Description Jan Hubicka 2024-12-05 16:20:32 UTC
compiling:
#include <vector>
void
empty(std::vector<bool> src)
{
        std::vector <bool> data=src;
}

yields in optimized dump:

void empty (struct vector & src)
{
  _Bit_type * _13;
  unsigned int _14;
  _Bit_type * _15;
  long int _16;
  long int _17;
  long int _18;
  long int _19;
  long unsigned int _20;
  long unsigned int _25;
  long unsigned int _26;
  long unsigned int _45;

  <bb 2> [local count: 1073741824]:
  _13 = MEM[(const struct vector *)src_2(D)].D.25603._M_impl.D.25087._M_start.D.16487._M_p;
  _14 = MEM[(const struct _Bit_iterator &)src_2(D) + 16].D.16487._M_offset;
  _15 = MEM[(const struct _Bit_iterator &)src_2(D) + 16].D.16487._M_p;
  _16 = _15 - _13;
  _17 = _16 * 8;
  _18 = (long int) _14;
  _19 = _17 + _18;
  if (_19 != 0)
    goto <bb 3>; [33.00%]
  else
    goto <bb 4>; [67.00%]

  <bb 3> [local count: 574129755]:
  _20 = (long unsigned int) _19;
  _25 = _20 + 63;
  _26 = _25 >> 6;
  _45 = _26 * 8;

  <bb 4> [local count: 1073741824]:
  return;

}
All the computations are obviously dead.
Eventually RTL optimizes it out, but we ought to do it earlier. Unused new/delete pair is only being determined at cddce3 which is bit late. At cddce2 we still have memcpy copying the vector which is only detected dead by dse5 run shortly before. Dse4 is not run and during dse3 we get quite a lot of code which somehow prevents the dse from happening.
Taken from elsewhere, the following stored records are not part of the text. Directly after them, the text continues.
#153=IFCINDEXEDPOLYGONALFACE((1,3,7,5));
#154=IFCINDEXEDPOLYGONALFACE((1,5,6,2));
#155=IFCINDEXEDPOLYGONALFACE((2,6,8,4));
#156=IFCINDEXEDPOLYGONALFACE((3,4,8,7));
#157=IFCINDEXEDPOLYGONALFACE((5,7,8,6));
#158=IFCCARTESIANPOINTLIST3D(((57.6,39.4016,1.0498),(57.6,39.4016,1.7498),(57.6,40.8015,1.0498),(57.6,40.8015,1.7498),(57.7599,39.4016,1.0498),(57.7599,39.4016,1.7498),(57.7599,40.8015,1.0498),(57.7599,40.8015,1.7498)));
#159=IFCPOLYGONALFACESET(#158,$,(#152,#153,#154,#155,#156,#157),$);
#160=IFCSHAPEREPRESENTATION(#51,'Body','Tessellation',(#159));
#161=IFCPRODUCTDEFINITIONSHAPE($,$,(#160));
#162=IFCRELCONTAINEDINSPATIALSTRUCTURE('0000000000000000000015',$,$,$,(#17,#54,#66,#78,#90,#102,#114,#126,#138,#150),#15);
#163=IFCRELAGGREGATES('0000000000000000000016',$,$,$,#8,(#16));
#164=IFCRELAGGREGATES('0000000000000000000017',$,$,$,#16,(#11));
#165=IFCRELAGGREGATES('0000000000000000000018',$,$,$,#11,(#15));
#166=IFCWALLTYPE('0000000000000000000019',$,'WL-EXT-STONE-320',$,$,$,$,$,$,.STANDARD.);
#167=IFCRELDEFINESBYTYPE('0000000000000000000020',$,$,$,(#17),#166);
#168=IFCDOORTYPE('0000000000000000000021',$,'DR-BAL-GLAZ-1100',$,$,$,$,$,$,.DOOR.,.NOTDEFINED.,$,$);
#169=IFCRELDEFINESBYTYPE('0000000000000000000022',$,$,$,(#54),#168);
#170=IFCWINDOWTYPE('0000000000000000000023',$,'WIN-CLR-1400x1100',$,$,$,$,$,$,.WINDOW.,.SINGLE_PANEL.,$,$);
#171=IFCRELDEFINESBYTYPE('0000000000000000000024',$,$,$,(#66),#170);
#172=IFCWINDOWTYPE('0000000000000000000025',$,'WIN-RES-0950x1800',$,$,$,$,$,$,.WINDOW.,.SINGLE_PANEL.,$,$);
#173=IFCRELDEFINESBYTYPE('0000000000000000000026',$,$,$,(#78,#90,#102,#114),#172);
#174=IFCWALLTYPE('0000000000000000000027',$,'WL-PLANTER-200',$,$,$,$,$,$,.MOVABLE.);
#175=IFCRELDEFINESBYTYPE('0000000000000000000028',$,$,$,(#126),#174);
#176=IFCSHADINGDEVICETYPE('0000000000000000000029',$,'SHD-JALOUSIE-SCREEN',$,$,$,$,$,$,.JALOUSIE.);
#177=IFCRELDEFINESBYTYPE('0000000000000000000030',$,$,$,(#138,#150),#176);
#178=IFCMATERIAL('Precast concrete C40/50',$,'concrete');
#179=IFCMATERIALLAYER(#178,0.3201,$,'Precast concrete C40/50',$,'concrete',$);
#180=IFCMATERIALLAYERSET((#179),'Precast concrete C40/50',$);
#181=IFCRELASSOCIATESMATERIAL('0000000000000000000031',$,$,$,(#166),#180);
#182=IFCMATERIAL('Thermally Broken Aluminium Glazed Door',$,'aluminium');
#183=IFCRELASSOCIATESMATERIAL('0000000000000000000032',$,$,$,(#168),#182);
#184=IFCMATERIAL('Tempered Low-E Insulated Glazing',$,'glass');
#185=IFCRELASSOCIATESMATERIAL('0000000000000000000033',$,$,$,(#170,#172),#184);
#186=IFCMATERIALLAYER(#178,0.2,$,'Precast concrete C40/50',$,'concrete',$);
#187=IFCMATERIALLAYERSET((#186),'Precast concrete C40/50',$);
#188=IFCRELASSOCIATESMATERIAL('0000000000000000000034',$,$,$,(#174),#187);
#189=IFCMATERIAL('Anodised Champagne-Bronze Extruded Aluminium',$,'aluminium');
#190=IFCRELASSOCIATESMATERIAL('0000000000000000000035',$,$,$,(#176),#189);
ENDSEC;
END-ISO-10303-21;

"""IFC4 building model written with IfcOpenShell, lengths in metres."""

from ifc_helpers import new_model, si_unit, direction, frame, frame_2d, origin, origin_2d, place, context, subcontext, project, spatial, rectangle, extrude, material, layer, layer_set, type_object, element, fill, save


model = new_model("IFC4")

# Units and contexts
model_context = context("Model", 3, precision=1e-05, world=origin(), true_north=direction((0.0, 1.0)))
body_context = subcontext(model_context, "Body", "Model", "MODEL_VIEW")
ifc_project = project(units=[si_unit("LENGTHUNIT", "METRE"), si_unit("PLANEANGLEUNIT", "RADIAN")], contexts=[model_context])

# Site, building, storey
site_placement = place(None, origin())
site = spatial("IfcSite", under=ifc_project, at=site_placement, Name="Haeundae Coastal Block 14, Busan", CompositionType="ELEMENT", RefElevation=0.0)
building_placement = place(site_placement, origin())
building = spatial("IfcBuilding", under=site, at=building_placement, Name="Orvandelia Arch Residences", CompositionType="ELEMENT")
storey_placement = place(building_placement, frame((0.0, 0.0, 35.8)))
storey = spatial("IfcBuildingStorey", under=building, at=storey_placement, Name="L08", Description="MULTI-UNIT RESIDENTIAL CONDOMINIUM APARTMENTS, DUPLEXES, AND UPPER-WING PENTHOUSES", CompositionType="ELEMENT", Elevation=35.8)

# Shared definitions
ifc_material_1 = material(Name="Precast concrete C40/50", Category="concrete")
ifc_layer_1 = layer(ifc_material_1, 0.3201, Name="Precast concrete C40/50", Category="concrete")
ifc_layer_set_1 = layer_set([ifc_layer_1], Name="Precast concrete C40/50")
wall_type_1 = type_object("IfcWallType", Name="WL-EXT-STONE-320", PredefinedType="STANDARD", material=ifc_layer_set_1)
If bool is changed to int memcpy goes away already during dse2.
Comment 1 Jan Hubicka 2024-12-05 16:51:07 UTC
looking at dse3 dump we get:

  <bb 2> [local count: 1073741824]:
  MEM[(struct _Bvector_impl_data *)&data] ={v} {CLOBBER(bob)};
  MEM[(struct __as_base  &)&data] ={v} {CLOBBER(bob)};
  _13 = MEM[(const struct vector *)src_2(D)].D.25603._M_impl.D.25087._M_start.D.16487._M_p;
  _14 = MEM[(const struct _Bit_iterator &)src_2(D) + 16].D.16487._M_offset;
  _15 = MEM[(const struct _Bit_iterator &)src_2(D) + 16].D.16487._M_p;
  _16 = _15 - _13;
  _17 = _16 * 8;
  _18 = (long int) _14;
  _19 = _17 + _18;
  _20 = (long unsigned int) _19;
  if (_20 != 0)  
    goto <bb 3>; [33.00%]
  else
    goto <bb 22>; [67.00%]

  <bb 22> [local count: 719407024]:
  goto <bb 5>; [100.00%]

  <bb 3> [local count: 354334800]:
  _25 = _20 + 63;
  _26 = _25 >> 6;
  _45 = _26 * 8;
  _46 = operator new (_45);


If I am reading it right, then _20 is size of the vector in bits.
<bb 3> then takes the size in bits to determine size in 64bit words which is then converted to size in bytes.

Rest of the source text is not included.